Our daughter, however, was taught that daddy didn't care about her basic well-being. Bad move on his part. She even stopped bringing him things from school to show him. That still stabs my heart thinking of that this many years later. The earnest little face that wanted her father's affection and approval became determined and savvy at an age when she should have only had to think about what outfit to put on Barbie. But she had to step up to care for herself when she was with him - because he wasn't. The guy who sneered feidishly at me and tried other such manouvers to "get me" failed to make me anxious or worried. He succeeded in damaging the heart of his developing little girl all because he placed a higher value on lashing out than he did in co-parenting.

When she would tell me what he had done or not done, I would empathize and say :"Oh Honey, I am sooo sorry he chose to do that. Come have a hug."  When she would ask me why he would do that, my reply was similar: "I don't know why he would choose that. Let's pray for him to be the best daddy." While I would vent to my friends, I did not disparaiage her father in front of her. I encouraged her to love him because he was her dad, beast that he was. Kids want permission to love both parents. Give it.

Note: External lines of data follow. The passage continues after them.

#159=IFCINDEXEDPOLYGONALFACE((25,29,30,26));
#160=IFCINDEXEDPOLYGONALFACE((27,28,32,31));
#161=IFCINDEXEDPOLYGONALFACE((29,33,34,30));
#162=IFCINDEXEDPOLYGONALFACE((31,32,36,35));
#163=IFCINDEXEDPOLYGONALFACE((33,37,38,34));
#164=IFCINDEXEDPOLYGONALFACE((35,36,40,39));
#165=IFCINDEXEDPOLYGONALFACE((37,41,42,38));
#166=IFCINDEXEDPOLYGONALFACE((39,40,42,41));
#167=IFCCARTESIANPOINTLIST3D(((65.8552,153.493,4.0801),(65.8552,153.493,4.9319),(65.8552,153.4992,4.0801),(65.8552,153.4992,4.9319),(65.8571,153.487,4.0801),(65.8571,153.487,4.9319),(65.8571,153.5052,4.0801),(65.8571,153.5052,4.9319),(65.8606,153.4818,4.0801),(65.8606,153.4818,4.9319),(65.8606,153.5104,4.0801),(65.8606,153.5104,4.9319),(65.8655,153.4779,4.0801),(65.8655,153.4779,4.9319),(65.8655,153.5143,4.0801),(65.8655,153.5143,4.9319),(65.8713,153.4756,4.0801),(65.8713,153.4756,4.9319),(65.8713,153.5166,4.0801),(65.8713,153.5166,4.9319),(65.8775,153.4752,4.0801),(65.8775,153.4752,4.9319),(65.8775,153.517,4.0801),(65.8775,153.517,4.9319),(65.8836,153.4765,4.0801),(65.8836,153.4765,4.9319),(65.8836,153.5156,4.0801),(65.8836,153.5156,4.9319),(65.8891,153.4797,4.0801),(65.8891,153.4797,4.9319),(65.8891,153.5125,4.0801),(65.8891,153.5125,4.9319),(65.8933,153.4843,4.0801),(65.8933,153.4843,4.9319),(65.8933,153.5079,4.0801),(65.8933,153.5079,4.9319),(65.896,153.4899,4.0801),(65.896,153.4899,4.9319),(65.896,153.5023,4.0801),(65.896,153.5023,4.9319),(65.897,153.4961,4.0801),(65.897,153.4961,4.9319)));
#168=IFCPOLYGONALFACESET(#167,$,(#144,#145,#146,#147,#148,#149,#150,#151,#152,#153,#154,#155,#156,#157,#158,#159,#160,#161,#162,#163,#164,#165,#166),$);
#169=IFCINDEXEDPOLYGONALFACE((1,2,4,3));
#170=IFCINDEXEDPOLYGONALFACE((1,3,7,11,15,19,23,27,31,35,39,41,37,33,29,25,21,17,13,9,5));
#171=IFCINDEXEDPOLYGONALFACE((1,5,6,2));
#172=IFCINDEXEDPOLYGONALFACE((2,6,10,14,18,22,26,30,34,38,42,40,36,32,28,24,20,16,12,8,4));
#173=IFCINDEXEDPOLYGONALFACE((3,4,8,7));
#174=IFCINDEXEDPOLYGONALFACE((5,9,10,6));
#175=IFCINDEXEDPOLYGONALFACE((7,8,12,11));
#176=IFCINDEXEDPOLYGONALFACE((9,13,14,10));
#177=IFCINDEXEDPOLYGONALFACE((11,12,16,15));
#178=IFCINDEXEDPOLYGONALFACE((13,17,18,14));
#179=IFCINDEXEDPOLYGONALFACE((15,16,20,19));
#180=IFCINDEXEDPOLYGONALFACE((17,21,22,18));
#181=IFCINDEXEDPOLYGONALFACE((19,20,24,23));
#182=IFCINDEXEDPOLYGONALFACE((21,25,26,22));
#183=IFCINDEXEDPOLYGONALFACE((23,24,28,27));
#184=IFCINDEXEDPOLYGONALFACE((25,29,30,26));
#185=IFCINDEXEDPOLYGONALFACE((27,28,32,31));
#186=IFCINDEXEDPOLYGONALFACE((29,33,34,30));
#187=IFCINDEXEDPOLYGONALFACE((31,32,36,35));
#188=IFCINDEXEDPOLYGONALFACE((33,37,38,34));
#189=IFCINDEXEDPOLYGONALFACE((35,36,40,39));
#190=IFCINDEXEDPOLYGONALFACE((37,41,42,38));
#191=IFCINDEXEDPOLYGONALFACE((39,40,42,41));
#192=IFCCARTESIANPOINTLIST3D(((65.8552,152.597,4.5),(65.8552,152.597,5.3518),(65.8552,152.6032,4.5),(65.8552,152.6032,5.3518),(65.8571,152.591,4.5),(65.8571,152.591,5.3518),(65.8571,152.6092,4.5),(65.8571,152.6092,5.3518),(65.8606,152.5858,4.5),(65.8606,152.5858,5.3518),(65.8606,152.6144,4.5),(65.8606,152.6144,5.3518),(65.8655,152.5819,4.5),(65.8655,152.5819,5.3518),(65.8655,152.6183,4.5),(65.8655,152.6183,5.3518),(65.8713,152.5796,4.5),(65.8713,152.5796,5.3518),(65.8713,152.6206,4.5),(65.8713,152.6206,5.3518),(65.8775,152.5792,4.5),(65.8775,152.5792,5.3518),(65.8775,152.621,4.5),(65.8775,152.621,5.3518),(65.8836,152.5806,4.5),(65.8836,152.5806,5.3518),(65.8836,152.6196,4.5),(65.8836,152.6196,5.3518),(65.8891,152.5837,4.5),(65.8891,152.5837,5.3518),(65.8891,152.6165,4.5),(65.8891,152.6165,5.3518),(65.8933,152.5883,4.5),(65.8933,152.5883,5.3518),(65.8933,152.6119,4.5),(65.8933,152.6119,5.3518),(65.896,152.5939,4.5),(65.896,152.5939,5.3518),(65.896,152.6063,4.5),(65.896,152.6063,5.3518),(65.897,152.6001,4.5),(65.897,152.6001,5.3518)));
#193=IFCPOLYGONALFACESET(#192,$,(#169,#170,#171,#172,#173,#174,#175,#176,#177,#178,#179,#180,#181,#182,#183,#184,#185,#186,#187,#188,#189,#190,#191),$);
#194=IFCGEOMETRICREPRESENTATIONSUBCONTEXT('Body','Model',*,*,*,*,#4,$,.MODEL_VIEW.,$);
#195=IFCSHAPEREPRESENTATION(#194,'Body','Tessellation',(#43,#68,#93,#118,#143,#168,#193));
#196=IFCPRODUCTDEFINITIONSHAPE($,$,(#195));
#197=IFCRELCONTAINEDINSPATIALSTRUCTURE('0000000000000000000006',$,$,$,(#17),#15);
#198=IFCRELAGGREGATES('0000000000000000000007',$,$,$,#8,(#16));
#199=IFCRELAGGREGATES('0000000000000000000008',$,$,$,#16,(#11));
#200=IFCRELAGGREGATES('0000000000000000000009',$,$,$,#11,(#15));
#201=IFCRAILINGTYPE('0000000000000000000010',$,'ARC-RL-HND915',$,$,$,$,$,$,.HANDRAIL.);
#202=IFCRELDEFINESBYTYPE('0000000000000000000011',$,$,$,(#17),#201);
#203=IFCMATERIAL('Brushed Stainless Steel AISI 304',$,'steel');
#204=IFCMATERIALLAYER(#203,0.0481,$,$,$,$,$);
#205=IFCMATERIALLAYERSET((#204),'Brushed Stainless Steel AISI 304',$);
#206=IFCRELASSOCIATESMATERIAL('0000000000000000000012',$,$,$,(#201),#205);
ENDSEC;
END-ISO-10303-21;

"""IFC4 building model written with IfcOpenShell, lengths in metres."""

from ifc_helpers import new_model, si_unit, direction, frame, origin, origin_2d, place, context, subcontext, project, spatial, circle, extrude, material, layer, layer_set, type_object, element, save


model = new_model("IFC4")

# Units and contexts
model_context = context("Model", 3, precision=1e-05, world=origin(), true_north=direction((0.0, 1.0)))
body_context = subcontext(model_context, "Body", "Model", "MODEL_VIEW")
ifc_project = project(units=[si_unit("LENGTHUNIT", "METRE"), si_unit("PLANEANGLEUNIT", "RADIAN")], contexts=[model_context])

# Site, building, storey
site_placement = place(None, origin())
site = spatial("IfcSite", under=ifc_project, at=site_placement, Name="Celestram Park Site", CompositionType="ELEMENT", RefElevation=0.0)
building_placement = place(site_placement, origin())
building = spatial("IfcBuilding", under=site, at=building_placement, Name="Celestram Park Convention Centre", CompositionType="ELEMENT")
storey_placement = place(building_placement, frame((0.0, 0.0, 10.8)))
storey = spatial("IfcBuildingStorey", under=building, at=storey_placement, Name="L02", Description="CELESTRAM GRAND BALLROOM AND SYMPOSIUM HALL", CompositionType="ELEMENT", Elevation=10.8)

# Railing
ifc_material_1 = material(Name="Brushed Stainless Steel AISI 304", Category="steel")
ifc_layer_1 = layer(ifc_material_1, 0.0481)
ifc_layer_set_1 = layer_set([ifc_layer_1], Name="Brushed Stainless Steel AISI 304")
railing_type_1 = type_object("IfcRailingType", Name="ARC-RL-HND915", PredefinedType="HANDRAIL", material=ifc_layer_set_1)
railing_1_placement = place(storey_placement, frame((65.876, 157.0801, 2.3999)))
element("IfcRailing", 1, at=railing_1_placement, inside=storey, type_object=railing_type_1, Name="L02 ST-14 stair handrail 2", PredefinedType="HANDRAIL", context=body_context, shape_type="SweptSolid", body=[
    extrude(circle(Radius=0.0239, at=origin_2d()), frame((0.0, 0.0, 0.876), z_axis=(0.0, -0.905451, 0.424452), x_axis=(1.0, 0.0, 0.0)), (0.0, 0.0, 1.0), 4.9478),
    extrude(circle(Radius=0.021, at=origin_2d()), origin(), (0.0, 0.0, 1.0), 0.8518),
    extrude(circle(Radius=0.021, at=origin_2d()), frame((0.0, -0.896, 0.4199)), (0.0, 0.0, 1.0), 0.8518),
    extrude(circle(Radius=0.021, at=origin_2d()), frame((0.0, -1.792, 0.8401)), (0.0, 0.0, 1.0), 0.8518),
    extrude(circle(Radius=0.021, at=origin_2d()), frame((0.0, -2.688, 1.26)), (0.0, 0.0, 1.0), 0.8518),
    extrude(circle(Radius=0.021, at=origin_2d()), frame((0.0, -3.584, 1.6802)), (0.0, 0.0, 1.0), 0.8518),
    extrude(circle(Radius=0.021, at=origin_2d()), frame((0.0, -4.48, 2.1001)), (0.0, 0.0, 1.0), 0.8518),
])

You may be in a horror movie of a marraige. (I sure was.) But that ended a long time ago. He died the year after the divorce was final. There were pieces to process and therapy to work on, but it's long over. The hell is over. For me. For our daughter? She is still a child of divorce who lost her home and lifestyle. Her mom returned to work to support them and she learned about before and after school daycare in additon to packing a little suitcase every other weekend. Her parents were in different houses.

How do small children process such drastic changes? Today there are some great support groups for parents and kids. The one I really like is national: Divorce Care 4 Kids. It helps them deal with their divorce at age appropriate levels. When I was divorced, there were support groups for adults but kids weren't addressed. If you are going through a divorce, please take advantage of a group for your kiddoes. They need to be able to express their feelings with other kids who know what it's like. It is even more critical if you have to live with game-playing or lack of parenting from the other parent.

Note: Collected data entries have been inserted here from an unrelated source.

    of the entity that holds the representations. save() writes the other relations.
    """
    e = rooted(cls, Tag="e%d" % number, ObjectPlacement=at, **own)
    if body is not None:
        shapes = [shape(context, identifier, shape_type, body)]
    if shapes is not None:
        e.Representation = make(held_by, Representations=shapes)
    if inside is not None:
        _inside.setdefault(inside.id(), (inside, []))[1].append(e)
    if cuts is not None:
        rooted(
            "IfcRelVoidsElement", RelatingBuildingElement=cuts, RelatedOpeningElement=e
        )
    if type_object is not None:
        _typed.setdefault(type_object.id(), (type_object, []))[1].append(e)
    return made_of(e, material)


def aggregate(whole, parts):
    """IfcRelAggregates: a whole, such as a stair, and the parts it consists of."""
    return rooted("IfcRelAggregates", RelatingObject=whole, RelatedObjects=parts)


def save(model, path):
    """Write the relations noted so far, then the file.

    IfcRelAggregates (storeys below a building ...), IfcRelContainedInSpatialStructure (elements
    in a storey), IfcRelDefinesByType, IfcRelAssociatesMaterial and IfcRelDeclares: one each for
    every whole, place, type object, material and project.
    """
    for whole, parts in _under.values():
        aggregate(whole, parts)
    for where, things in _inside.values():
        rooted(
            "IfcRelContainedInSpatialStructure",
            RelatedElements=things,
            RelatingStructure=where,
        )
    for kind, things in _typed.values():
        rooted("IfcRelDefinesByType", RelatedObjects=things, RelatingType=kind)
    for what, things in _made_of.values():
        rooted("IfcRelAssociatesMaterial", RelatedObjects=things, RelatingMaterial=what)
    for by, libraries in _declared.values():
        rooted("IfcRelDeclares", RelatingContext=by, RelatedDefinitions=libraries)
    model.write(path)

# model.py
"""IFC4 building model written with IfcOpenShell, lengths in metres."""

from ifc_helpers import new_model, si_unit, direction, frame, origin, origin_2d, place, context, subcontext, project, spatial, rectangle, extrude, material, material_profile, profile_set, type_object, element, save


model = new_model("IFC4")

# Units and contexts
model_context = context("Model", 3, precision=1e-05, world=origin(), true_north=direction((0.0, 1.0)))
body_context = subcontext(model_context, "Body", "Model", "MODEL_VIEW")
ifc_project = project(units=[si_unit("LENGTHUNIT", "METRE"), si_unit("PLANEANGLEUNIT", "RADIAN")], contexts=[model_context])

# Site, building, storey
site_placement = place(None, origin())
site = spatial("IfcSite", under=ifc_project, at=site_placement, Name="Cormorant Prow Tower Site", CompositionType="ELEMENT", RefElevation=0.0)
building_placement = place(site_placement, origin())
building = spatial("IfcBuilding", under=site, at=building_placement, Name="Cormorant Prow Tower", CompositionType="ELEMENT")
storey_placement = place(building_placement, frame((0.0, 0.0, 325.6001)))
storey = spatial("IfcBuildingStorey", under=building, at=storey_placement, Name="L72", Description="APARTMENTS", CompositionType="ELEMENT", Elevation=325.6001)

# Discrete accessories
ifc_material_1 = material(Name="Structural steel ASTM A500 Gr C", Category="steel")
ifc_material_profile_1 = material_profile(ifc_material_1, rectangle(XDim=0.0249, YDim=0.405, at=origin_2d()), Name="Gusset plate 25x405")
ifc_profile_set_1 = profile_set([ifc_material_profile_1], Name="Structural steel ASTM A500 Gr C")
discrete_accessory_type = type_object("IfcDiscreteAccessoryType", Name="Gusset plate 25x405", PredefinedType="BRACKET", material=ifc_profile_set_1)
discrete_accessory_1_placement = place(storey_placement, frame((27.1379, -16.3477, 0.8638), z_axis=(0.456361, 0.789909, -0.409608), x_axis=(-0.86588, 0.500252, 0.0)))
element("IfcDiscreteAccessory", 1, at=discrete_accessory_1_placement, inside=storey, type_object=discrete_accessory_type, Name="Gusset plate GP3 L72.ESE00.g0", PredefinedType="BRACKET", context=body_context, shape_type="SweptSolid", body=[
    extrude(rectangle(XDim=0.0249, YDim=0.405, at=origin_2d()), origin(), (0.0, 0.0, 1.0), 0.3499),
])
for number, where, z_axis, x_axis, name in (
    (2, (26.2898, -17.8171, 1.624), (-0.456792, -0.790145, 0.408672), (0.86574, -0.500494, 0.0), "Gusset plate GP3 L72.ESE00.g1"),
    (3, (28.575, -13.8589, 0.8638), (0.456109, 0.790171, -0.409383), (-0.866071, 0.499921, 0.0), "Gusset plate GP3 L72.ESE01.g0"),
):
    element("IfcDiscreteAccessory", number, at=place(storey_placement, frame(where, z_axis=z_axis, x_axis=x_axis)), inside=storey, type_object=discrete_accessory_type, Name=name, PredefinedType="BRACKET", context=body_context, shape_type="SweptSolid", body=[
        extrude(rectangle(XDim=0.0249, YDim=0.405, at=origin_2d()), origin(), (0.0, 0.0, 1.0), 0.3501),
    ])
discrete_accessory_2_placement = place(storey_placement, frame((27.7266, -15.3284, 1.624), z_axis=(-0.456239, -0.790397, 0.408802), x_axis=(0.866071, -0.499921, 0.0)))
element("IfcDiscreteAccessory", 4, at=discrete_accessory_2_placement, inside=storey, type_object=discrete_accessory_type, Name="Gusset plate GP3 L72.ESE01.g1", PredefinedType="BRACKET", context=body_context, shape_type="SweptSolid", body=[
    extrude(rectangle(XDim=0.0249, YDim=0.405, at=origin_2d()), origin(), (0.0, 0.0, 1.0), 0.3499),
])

Another great tool for sharing information about the kids neutrally is an internet based tool called Our Family Wizard.  Parents can share schedules, visits and parenting plans not to mention journal, log expenses and e-mail. This gem is worth the $99 annual subscription. www.ourfamilywizard.com

Telling our kids they did not cause the divorce and that mom and dad will always love them isn't enough. We need to act like it by living it out. As hard as it is for a parent to go through a divorce, be sure you try to look at it through your child's eyes. Twenty years from now, they are the ones who will have to figure out which house to go to for Thanksgiving, not you.